Growing up in Oklahoma in the 1960s I had three major home-state heroes, who I still idolize today:
Mickey Mantle
Leroy Gordon Cooper
Roger Miller
In recent years I’ve referred to this trio as the Holy Okie Trinity.
As most my friends and loved ones know, I’m not a big sports fan. But when I was a kid just about everyone I knew loved Mickey Mantle, as well as his team, the New York Yankees, who always seemed to make it to the World Series back in the 1960s.
When I was in second or third grade, my family vacationed in San Diego and one night we got to go to Dodger Stadium to see the Yankees play the Los Angeles Angels. (That was my first Major League Baseball game I ever saw, and, for decades, my only Major League Baseball game, until I took my son, Anton, to see the Colorado Rockies in Denver a couple of times in the late ‘90s.) I was somewhat disappointed that neither Mickey nor Roger Marris hit a homerun that night. But good old Yogi Berra did.

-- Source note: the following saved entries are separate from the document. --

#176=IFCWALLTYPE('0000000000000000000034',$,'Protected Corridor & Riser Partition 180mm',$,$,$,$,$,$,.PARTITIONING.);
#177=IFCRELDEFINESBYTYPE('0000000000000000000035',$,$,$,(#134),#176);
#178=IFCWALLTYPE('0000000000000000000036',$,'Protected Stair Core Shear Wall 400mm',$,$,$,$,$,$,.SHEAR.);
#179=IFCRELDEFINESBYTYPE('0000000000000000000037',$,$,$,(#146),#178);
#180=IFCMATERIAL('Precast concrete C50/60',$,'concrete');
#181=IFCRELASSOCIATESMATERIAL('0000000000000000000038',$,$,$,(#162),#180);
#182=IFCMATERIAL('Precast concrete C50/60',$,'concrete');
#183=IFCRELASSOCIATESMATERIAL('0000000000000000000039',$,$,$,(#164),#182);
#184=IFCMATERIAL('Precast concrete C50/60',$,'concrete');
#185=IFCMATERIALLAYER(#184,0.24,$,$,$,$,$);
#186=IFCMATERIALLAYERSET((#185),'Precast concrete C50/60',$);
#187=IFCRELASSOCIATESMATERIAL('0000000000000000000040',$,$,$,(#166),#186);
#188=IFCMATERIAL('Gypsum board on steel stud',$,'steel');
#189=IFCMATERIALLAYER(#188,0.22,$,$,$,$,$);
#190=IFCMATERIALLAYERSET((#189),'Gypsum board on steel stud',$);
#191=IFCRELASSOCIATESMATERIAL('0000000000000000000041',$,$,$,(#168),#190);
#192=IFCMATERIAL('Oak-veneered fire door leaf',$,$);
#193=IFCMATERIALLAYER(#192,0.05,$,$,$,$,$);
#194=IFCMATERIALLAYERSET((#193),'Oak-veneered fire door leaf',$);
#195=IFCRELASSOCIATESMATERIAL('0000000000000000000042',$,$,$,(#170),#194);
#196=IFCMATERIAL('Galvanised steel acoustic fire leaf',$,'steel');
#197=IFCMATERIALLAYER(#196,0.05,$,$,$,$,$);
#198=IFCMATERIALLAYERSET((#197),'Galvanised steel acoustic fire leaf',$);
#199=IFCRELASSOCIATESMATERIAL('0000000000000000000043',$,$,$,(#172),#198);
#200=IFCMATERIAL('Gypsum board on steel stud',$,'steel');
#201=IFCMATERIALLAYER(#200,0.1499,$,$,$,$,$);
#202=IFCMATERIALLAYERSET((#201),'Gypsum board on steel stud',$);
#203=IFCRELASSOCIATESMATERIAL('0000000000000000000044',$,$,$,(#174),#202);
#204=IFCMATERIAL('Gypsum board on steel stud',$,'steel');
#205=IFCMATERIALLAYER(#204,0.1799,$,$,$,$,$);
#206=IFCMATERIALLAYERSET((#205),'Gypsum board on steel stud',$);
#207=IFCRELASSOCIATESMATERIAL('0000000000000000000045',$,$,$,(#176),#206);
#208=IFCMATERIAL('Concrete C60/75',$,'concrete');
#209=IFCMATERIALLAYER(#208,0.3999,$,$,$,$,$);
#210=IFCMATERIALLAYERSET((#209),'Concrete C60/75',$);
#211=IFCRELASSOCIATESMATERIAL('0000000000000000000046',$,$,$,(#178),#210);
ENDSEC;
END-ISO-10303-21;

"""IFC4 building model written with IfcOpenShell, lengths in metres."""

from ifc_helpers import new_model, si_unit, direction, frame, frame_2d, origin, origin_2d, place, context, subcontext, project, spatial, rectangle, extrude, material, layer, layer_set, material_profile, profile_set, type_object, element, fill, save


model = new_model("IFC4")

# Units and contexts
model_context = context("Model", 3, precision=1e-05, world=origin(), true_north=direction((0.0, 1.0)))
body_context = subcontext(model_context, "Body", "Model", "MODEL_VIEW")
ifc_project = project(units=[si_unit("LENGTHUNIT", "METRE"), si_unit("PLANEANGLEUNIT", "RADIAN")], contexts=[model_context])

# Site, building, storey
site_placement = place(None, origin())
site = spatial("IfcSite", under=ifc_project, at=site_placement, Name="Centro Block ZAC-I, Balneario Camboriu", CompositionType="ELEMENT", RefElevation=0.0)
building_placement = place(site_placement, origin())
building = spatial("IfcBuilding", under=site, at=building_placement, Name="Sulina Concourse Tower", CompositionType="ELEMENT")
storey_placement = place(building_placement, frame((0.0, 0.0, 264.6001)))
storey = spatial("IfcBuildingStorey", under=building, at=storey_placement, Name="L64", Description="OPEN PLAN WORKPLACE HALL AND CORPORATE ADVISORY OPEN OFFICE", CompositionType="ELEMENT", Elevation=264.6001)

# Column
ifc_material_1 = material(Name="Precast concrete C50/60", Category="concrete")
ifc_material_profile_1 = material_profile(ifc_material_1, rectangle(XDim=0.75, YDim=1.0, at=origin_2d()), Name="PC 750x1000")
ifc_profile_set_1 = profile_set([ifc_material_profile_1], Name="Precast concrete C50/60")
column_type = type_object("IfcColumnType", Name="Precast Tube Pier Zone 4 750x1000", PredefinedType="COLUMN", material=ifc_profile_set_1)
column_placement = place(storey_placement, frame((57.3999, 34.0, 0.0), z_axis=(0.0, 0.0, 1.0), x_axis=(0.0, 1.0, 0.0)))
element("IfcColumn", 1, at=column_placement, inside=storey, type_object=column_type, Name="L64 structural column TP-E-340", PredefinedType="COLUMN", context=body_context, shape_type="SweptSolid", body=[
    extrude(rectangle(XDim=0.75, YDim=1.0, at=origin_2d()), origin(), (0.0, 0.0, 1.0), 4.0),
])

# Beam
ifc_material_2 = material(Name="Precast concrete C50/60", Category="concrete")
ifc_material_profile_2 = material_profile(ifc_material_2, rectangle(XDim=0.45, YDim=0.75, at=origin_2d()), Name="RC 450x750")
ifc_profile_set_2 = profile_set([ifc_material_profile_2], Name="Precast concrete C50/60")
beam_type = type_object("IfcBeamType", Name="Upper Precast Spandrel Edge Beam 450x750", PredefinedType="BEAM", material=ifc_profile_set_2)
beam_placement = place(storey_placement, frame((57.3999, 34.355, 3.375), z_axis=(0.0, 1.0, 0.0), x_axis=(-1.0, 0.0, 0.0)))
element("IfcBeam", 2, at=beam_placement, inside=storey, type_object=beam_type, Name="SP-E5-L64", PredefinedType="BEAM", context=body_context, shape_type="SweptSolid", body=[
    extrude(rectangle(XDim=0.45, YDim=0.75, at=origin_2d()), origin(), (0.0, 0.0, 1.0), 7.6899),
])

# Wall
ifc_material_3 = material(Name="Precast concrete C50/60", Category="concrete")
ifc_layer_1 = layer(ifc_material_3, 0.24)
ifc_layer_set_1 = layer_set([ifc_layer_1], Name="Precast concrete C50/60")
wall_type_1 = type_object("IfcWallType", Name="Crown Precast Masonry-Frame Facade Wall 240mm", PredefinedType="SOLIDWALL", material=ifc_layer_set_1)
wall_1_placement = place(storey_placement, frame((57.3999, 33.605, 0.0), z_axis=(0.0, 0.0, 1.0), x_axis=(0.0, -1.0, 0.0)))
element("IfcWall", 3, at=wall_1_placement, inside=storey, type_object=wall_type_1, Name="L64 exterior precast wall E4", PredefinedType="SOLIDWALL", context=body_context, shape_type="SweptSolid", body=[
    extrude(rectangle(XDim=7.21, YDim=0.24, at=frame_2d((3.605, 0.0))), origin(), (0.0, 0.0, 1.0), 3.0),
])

Though my love of baseball didn’t endure, my affection for Mickey never died. Toward the end of his life I got in an argument with an editor who thought it was shameful and unfair that Mickey got a liver transplant -- for the cirrhosis he was suffering after years of alcoholism – cutting ahead of others, who had been waiting years or a transplant. “But he’s MICKEY FUCKING MANTLE!” I countered. Seemed like a good argument at the time.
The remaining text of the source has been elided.